As mentioned in the explanatory memorandum, the bill ensures that all legitimate activities in relation to protecting computer networks—whether it is the infrastructure or the information stored or transmitted by them—which are undertaken by network administrators in either the government or non-government sectors do not inadvertently constitute an offence under the T(IA) Act. However, the new provisions do not make such activities compulsory. Utilising the provisions in relation to network protection remains at the discretion of the owner or operator of the network.
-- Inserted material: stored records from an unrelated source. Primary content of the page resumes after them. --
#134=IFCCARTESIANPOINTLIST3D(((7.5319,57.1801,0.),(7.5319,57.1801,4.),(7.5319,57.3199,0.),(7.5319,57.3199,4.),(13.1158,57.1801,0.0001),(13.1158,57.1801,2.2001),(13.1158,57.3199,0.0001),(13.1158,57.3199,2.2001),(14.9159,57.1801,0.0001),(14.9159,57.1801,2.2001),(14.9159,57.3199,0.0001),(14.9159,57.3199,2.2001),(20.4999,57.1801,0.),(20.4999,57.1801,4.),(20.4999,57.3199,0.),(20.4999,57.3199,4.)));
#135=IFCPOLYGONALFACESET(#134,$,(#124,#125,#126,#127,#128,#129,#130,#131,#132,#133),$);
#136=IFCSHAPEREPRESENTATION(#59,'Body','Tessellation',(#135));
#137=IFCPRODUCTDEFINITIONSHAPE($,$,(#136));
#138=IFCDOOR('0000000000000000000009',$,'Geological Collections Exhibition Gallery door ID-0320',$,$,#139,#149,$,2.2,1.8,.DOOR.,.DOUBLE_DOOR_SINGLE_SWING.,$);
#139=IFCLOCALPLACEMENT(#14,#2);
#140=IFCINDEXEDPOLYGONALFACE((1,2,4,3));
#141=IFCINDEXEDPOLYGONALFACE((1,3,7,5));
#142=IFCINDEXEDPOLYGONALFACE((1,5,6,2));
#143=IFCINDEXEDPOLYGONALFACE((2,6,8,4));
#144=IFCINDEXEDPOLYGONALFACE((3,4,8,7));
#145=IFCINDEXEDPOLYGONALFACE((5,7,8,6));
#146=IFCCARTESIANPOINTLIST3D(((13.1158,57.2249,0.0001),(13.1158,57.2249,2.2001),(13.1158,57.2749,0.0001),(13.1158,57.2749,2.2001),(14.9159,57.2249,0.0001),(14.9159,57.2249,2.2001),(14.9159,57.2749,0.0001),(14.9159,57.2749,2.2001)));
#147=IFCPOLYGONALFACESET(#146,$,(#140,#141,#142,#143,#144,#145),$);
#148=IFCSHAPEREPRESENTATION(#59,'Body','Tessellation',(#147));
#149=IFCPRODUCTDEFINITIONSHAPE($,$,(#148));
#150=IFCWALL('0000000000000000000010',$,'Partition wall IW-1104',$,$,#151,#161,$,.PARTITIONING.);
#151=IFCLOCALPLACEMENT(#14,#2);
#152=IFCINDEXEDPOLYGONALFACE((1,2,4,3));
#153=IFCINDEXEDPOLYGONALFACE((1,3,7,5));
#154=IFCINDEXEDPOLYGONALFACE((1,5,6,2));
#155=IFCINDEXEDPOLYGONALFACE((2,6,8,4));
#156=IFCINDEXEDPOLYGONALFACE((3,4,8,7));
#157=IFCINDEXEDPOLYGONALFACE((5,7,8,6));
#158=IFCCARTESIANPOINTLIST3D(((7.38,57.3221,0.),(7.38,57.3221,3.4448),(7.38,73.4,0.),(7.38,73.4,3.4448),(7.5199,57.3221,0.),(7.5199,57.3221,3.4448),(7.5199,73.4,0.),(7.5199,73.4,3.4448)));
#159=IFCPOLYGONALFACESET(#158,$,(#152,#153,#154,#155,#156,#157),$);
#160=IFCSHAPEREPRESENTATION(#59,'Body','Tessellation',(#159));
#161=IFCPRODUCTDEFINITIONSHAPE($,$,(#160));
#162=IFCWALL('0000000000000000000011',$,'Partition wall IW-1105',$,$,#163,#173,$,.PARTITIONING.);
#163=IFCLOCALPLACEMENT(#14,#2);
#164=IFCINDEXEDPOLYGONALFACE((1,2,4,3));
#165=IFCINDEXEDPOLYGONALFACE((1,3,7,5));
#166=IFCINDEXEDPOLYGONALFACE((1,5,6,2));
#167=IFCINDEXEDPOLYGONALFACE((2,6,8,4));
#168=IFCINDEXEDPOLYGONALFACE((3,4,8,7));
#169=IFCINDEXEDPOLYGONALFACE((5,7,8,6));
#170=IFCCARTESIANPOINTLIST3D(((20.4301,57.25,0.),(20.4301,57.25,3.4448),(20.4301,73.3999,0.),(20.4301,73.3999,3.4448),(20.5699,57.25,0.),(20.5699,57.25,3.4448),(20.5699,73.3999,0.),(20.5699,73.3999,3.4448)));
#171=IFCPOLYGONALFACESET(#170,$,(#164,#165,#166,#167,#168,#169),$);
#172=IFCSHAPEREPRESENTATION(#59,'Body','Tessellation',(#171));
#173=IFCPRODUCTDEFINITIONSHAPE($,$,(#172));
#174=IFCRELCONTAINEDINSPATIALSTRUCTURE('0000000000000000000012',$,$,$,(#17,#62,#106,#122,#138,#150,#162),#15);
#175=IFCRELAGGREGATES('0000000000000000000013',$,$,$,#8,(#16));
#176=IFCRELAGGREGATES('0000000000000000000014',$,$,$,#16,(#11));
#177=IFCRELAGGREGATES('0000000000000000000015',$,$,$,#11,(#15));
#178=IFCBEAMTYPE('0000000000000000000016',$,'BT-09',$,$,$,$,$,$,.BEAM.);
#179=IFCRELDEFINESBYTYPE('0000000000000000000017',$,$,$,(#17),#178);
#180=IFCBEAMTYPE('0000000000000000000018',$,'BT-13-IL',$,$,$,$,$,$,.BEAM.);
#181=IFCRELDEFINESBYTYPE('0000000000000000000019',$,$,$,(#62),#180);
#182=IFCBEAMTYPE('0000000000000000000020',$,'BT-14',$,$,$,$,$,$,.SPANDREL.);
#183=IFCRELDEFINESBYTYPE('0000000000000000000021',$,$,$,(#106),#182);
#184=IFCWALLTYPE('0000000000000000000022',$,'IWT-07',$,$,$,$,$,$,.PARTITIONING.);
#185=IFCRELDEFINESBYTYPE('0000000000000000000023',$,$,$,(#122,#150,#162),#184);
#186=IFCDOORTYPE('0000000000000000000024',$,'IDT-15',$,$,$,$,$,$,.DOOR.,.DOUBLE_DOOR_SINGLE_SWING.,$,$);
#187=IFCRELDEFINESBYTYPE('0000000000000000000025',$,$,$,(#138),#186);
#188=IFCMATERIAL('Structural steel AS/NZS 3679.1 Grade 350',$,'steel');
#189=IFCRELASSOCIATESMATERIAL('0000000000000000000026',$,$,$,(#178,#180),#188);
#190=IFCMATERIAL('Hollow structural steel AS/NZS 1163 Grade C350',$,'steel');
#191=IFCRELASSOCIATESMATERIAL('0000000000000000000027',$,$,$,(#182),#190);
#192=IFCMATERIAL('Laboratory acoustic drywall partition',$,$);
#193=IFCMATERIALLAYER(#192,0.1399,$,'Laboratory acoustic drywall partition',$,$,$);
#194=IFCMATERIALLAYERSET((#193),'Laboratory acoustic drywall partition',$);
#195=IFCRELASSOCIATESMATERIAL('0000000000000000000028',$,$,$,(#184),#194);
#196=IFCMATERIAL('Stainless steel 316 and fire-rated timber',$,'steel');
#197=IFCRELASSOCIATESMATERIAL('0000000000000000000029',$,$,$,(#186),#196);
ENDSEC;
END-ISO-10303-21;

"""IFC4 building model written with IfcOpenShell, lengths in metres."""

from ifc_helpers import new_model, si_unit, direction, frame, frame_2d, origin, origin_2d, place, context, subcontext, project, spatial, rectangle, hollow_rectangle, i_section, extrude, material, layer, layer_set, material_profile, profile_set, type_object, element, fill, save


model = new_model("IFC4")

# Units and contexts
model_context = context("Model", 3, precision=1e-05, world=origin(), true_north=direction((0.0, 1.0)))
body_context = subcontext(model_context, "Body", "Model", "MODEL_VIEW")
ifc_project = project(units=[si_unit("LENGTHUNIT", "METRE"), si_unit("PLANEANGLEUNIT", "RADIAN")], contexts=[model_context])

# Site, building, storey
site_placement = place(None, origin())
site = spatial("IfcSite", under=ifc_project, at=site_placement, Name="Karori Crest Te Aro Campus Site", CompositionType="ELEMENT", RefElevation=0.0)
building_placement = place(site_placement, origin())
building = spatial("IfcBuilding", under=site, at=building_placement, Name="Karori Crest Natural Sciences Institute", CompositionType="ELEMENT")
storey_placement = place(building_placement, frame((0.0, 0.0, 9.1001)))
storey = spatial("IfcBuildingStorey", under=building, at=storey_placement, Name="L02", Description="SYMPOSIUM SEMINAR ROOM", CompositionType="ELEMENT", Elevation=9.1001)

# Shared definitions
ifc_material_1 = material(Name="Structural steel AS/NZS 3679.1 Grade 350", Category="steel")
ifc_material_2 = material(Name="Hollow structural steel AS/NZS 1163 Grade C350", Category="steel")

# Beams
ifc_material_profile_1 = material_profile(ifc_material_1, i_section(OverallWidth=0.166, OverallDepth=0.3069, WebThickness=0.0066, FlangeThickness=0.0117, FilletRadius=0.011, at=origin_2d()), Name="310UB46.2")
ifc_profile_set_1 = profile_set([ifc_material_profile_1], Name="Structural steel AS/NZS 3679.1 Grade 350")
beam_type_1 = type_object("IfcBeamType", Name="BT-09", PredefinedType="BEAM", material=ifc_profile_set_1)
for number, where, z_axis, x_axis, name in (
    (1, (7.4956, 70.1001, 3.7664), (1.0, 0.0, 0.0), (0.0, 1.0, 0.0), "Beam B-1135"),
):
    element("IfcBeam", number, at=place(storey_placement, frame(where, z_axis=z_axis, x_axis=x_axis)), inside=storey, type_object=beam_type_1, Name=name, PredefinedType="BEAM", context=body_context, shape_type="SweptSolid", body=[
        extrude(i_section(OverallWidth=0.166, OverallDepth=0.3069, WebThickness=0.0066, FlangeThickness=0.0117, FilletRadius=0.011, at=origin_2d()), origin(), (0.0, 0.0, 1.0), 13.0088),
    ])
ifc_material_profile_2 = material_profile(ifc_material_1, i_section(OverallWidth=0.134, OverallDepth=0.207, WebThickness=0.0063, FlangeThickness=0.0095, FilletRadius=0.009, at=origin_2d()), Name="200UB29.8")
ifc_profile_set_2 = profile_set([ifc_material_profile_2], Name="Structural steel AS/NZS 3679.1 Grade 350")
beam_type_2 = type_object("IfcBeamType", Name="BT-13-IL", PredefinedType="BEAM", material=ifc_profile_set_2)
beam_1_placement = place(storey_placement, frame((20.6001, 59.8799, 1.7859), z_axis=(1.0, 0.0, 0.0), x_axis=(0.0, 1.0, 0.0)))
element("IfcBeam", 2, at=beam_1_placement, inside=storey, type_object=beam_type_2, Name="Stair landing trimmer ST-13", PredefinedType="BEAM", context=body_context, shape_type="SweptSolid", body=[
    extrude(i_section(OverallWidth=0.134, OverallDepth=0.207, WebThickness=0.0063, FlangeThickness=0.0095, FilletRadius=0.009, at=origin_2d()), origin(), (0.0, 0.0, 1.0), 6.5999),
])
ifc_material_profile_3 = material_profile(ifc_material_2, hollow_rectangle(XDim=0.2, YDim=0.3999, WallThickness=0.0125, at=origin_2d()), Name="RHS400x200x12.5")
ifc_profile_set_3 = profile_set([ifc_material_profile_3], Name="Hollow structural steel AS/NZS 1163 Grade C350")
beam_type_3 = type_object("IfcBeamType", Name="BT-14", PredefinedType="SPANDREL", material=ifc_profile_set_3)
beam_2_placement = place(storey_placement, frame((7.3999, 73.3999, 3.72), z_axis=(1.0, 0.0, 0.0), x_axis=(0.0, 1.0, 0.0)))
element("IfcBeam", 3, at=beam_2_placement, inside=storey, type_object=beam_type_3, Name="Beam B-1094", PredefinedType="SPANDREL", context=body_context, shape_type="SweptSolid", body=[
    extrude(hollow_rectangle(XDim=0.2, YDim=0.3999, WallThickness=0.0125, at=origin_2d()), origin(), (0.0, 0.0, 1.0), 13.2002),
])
As with all measures that seek to protect us, and in this case protect us from a vast range of information being exposed to criminal networks, the issue comes down to a person’s right to know, a person’s ability to use information that they acquire in the course of protecting a network and the privacy of the individual concerned. I note that the Office of the Privacy Commissioner, in making a submission to the Senate Standing Committee on Legal and Constitutional Affairs, has a number of suggestions aimed at enhancing aspects of the bill. I note those because I think they well illustrate the tension in a debate of this nature. Those recommendations are that the bill could provide additional guidance on the operation of the provisions to assist organisations to train authorised persons in respect of what action is lawfully permitted to be undertaken under the scheme. Any exceptions permitting secondary uses or disclosures should be well defined. So these exceptions should align with community expectations and be based on clearly articulated public policy reasons—that is, if you proceed to use, for secondary purposes, information that is acquired in the course of protecting a network. In clause 15, regarding misuse of the computer network, the bill should clarify that disciplinary action applies to activities that pose a risk to network security only. Consideration could be given to including in the bill a provision to allow individuals access to intercepted communications that relate to them, to be modelled on national privacy principles in the Privacy Act. The Office of the Privacy Commissioner also suggests that all intercepted records of a communication, whether the original or a copy obtained for the purpose of network security, should be destroyed when no longer needed for that purpose. That strengthens the requirement to destroy information.

As I noted, the bill was referred to the Senate Standing Committee on Legal and Constitutional Affairs on 17 September and it is due to report by 16 November. While the coalition supports the bill, we foreshadow the possibility of amendments in the Senate pending the committee’s recommendations.